What had come before, it was quickly realized by everyone else present, had been but prologue. This was the main event. The three of them were poetry, in sync with themselves, the space, the music, so much so that the other dancers instinctively deferred to them, pulling gradually closer to the walls to give them more and more room. They didn’t need it; none was ever more than an arm’s length from the others, and only out of contact for the heartbeat it took to fly from one hand to the next. In a way, it was like watching eels, they moved with an almost boneless magic, bodies seemingly inextricably intertwined. And with such speed that the slightest misstep or hesitation would have meant disaster. They were utterly dependent on one another, operating on levels of trust that went far beyond conscious thought. There simply wasn’t time to rationally evaluate the danger of each action, each had to assume the body would be there to catch them, as they would be in return. More than once, there were gasps from the audience, as some thought the dance would come shatteringly to an end, a few spacing themselves out along the walls in hopes of being able to stop a collision if that was the case.
But they never missed.
There was a drumbeat undertone to the music, a pulse Nicole’s body responded to long before her mind caught on.

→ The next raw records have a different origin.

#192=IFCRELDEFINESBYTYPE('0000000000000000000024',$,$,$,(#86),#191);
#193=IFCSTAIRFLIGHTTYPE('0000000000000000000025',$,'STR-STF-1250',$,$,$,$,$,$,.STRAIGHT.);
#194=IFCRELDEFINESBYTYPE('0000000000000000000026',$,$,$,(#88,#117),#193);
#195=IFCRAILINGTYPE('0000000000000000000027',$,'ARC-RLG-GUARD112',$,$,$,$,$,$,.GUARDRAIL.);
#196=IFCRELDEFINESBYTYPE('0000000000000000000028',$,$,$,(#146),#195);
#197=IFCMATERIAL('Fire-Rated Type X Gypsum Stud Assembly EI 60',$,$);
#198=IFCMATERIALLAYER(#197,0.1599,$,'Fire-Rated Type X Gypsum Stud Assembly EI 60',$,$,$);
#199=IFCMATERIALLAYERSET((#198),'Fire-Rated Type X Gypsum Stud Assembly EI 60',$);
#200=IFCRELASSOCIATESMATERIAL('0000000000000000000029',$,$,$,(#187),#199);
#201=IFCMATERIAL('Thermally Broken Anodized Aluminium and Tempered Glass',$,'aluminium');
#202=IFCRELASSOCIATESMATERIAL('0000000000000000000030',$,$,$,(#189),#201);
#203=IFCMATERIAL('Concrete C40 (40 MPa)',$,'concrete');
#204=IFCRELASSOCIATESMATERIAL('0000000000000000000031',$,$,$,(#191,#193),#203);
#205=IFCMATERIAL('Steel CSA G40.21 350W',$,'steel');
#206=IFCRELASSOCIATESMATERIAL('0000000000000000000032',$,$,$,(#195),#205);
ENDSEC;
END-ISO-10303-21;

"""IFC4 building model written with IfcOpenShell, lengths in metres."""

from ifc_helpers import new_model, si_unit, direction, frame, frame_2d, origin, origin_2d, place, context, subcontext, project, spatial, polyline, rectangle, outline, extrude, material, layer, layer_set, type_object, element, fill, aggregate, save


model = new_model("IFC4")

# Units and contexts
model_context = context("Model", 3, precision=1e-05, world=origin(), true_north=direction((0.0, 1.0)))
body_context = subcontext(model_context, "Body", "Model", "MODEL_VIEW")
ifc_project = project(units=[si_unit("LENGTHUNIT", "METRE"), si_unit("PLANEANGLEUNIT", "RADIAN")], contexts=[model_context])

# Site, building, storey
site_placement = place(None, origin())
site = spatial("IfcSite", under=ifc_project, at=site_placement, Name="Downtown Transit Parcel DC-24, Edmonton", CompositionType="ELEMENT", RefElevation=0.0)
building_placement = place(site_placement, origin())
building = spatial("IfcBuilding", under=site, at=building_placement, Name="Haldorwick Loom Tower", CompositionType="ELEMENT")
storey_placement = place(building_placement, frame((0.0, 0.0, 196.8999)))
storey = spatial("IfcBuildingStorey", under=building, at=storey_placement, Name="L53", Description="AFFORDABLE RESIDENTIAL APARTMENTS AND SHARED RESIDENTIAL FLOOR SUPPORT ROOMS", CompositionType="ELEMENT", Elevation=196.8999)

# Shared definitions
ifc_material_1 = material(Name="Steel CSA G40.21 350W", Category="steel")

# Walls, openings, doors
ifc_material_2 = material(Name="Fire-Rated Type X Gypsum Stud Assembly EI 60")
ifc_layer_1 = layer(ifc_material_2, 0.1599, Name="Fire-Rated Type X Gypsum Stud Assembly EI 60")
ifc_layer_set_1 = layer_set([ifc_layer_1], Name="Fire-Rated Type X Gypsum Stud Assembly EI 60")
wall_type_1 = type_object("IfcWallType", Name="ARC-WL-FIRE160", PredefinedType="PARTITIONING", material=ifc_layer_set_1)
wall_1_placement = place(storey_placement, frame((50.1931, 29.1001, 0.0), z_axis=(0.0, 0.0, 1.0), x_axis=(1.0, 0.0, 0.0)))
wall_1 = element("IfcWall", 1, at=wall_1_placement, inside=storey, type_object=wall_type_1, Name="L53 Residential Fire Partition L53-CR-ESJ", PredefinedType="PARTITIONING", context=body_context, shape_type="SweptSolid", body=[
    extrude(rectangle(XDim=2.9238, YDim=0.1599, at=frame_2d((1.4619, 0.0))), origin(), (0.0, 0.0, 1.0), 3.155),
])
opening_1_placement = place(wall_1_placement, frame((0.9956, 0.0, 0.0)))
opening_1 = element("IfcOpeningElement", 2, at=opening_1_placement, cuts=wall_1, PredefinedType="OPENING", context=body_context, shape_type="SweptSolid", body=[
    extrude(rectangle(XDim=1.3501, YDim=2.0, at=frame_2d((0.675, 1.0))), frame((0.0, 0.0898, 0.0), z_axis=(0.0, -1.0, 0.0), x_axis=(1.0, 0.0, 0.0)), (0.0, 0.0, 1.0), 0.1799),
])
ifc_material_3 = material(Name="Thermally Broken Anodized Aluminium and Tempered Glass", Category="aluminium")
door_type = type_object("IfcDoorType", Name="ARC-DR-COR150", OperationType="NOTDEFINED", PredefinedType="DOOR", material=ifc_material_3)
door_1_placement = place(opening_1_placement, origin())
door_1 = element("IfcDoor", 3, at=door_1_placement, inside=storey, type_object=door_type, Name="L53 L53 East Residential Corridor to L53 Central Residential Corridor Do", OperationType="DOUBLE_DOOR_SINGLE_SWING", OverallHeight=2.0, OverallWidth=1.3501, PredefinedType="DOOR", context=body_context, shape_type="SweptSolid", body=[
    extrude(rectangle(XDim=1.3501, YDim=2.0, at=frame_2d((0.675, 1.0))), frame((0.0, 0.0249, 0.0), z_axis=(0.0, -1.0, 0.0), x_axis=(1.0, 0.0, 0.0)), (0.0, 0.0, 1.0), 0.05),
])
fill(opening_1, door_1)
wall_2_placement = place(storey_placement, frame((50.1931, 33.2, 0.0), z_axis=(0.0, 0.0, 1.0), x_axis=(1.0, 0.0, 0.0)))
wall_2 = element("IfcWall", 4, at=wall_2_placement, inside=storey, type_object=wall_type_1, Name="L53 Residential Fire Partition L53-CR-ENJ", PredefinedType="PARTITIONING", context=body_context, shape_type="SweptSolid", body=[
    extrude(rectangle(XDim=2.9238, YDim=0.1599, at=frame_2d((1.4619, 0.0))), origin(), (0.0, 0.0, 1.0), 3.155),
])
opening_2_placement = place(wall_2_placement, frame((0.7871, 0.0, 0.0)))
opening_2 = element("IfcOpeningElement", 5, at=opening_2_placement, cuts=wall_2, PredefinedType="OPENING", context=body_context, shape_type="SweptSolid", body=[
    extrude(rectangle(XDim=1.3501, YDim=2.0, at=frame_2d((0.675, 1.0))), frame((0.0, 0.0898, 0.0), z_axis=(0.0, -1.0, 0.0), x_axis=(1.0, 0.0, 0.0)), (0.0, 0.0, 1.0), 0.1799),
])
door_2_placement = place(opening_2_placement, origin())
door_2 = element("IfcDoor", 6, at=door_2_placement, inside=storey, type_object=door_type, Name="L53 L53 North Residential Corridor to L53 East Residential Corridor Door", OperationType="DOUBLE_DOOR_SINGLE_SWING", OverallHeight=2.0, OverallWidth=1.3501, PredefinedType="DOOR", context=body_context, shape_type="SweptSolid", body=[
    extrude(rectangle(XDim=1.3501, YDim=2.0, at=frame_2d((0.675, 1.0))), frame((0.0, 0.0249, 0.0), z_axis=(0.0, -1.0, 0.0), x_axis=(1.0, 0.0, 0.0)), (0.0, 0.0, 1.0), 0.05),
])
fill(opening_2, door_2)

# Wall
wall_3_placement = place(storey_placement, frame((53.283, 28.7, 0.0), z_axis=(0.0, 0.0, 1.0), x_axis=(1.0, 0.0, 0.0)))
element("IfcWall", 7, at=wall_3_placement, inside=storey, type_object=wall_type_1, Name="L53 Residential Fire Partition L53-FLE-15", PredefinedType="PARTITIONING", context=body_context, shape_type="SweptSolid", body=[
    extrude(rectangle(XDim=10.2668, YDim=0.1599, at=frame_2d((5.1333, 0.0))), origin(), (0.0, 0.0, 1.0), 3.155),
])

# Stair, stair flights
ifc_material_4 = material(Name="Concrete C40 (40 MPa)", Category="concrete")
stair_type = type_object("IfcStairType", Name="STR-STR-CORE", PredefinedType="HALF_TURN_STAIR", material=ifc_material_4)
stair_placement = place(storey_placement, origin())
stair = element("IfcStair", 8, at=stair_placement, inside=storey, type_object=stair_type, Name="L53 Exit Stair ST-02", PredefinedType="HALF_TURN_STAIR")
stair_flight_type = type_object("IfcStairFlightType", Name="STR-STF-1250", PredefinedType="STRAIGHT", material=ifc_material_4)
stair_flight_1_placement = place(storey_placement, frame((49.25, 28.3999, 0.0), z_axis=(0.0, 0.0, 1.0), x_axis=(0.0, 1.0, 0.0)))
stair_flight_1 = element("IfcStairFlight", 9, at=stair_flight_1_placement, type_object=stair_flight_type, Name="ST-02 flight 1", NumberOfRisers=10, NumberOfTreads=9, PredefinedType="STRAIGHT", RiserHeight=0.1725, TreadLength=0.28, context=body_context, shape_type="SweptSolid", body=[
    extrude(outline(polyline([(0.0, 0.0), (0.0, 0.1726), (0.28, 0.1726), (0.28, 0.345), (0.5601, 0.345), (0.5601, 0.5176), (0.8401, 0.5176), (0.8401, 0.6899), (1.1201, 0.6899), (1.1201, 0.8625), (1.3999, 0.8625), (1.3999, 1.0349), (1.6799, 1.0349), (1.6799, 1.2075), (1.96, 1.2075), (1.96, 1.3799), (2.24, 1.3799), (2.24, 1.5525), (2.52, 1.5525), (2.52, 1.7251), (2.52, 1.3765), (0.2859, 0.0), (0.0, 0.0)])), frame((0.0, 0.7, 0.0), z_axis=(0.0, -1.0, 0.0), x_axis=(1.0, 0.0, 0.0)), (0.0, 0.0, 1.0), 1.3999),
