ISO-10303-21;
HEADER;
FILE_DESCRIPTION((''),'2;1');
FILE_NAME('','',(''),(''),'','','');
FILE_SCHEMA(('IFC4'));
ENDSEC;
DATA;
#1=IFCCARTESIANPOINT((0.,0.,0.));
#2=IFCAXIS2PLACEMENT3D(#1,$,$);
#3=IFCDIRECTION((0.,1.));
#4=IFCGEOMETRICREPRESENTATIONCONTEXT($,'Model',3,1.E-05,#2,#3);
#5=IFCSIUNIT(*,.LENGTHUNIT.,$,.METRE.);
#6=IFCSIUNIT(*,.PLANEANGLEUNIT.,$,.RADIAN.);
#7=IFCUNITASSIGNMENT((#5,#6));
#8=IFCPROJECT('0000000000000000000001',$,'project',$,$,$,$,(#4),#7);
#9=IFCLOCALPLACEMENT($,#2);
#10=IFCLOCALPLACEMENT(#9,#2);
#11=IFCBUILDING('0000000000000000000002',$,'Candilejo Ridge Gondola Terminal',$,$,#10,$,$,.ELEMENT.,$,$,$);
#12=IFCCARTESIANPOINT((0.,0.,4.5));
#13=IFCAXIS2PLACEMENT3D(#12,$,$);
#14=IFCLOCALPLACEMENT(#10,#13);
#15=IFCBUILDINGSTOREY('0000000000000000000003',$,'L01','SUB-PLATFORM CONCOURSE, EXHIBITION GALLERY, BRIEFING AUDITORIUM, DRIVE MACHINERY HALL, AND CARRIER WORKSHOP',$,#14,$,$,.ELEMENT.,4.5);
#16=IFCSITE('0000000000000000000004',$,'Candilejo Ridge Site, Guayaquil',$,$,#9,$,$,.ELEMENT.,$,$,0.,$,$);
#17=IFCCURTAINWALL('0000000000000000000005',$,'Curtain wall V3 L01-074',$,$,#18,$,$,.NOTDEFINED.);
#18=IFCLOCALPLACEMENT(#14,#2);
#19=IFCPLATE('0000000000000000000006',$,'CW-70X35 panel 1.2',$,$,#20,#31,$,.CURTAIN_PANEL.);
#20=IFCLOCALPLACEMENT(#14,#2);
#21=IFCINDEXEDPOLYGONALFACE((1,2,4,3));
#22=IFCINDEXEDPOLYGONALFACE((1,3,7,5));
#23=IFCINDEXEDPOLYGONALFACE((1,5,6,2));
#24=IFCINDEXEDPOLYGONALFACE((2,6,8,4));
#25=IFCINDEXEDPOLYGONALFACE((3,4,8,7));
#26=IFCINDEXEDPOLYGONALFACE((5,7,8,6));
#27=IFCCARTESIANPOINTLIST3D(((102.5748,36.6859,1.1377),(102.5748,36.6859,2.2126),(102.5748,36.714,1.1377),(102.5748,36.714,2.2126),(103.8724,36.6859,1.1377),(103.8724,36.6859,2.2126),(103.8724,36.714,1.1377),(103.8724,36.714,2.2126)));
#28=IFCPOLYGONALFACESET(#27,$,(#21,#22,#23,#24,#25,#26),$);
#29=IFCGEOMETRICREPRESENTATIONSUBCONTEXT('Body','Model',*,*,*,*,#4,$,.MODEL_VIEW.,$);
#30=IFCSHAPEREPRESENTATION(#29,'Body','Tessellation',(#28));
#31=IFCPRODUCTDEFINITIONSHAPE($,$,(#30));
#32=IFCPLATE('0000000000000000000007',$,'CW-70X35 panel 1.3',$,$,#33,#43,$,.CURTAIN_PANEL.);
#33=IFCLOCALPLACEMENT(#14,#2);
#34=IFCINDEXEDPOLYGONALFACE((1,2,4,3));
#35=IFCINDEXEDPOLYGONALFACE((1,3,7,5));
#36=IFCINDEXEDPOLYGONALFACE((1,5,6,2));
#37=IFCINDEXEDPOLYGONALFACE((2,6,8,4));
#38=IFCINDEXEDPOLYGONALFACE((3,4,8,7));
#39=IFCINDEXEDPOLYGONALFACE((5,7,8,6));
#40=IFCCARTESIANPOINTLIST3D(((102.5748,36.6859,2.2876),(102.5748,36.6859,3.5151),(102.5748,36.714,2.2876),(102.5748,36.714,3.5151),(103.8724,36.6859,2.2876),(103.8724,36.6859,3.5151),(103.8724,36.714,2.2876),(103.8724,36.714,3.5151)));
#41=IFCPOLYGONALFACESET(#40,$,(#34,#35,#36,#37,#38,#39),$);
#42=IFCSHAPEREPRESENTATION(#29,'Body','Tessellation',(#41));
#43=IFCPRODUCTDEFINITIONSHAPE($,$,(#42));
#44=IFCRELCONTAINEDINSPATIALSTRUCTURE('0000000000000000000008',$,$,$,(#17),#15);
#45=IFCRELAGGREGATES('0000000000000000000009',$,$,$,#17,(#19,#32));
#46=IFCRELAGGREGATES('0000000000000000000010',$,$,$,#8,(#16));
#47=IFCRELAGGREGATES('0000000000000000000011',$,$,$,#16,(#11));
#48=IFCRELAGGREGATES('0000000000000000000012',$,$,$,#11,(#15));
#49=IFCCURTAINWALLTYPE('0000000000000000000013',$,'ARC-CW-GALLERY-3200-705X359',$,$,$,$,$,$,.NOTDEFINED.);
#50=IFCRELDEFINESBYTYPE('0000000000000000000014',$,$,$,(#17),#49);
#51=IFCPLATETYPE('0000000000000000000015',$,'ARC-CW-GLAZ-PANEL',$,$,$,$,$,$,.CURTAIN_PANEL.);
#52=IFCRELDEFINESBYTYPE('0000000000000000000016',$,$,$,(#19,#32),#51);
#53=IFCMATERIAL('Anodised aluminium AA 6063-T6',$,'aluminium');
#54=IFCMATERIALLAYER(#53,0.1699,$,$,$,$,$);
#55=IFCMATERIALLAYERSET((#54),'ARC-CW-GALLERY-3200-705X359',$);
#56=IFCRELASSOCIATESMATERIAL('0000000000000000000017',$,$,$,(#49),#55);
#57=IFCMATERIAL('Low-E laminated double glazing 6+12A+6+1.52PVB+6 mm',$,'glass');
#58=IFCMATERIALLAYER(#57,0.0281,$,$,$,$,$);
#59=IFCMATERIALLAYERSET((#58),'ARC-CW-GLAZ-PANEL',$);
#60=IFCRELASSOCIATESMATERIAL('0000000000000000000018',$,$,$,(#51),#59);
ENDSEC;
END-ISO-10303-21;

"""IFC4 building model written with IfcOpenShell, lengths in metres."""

from ifc_helpers import new_model, si_unit, direction, frame, origin, origin_2d, place, context, subcontext, project, spatial, rectangle, extrude, material, layer, layer_set, type_object, element, aggregate, save


model = new_model("IFC4")

# Units and contexts
model_context = context("Model", 3, precision=1e-05, world=origin(), true_north=direction((0.0, 1.0)))
body_context = subcontext(model_context, "Body", "Model", "MODEL_VIEW")
ifc_project = project(units=[si_unit("LENGTHUNIT", "METRE"), si_unit("PLANEANGLEUNIT", "RADIAN")], contexts=[model_context])

# Site, building, storey
site_placement = place(None, origin())
site = spatial("IfcSite", under=ifc_project, at=site_placement, Name="Candilejo Ridge Site, Guayaquil", CompositionType="ELEMENT", RefElevation=0.0)
building_placement = place(site_placement, origin())
building = spatial("IfcBuilding", under=site, at=building_placement, Name="Candilejo Ridge Gondola Terminal", CompositionType="ELEMENT")
storey_placement = place(building_placement, frame((0.0, 0.0, 4.5)))
storey = spatial("IfcBuildingStorey", under=building, at=storey_placement, Name="L01", Description="SUB-PLATFORM CONCOURSE, EXHIBITION GALLERY, BRIEFING AUDITORIUM, DRIVE MACHINERY HALL, AND CARRIER WORKSHOP", CompositionType="ELEMENT", Elevation=4.5)

# Curtain wall
ifc_material_1 = material(Name="Anodised aluminium AA 6063-T6", Category="aluminium")
ifc_layer_1 = layer(ifc_material_1, 0.1699)
ifc_layer_set_1 = layer_set([ifc_layer_1], Name="ARC-CW-GALLERY-3200-705X359")
curtain_wall_type_1 = type_object("IfcCurtainWallType", Name="ARC-CW-GALLERY-3200-705X359", PredefinedType="NOTDEFINED", material=ifc_layer_set_1)
curtain_wall_1_placement = place(storey_placement, origin())
curtain_wall_1 = element("IfcCurtainWall", 1, at=curtain_wall_1_placement, inside=storey, type_object=curtain_wall_type_1, Name="Curtain wall V3 L01-074", PredefinedType="NOTDEFINED")

# Plates
ifc_material_2 = material(Name="Low-E laminated double glazing 6+12A+6+1.52PVB+6 mm", Category="glass")
ifc_layer_2 = layer(ifc_material_2, 0.0281)
ifc_layer_set_2 = layer_set([ifc_layer_2], Name="ARC-CW-GLAZ-PANEL")
plate_type = type_object("IfcPlateType", Name="ARC-CW-GLAZ-PANEL", PredefinedType="CURTAIN_PANEL", material=ifc_layer_set_2)
plate_1_placement = place(storey_placement, frame((103.2236, 36.7, 1.1377), z_axis=(0.0, 0.0, 1.0), x_axis=(1.0, 0.0, 0.0)))
plate_1 = element("IfcPlate", 2, at=plate_1_placement, type_object=plate_type, Name="CW-70X35 panel 1.2", PredefinedType="CURTAIN_PANEL", context=body_context, shape_type="SweptSolid", body=[
    extrude(rectangle(XDim=1.2976, YDim=0.0281, at=origin_2d()), origin(), (0.0, 0.0, 1.0), 1.075),
])
plate_2_placement = place(storey_placement, frame((103.2236, 36.7, 2.2876), z_axis=(0.0, 0.0, 1.0), x_axis=(1.0, 0.0, 0.0)))
plate_2 = element("IfcPlate", 3, at=plate_2_placement, type_object=plate_type, Name="CW-70X35 panel 1.3", PredefinedType="CURTAIN_PANEL", context=body_context, shape_type="SweptSolid", body=[
    extrude(rectangle(XDim=1.2976, YDim=0.0281, at=origin_2d()), origin(), (0.0, 0.0, 1.0), 1.2275),
])
aggregate(curtain_wall_1, [plate_1, plate_2])

save(model, "model.ifc")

Her heart seemed to pound in tune, with such force that she was flushed, as though her skin were a garment grown stiflingly, unbearably hot.
Raqella turned, and she crooked legs and arms, head tilted just so, in a pose that meant nothing to her but struck him like an almost physical blow. Amy tried to interfere, but he set her aside with a force and look that effectively quelled any more protests—though her expression spoke eloquently to Nicole that this little confrontation was far from settled. Nicole noticed, but couldn’t care less. She was watching an altogether different show.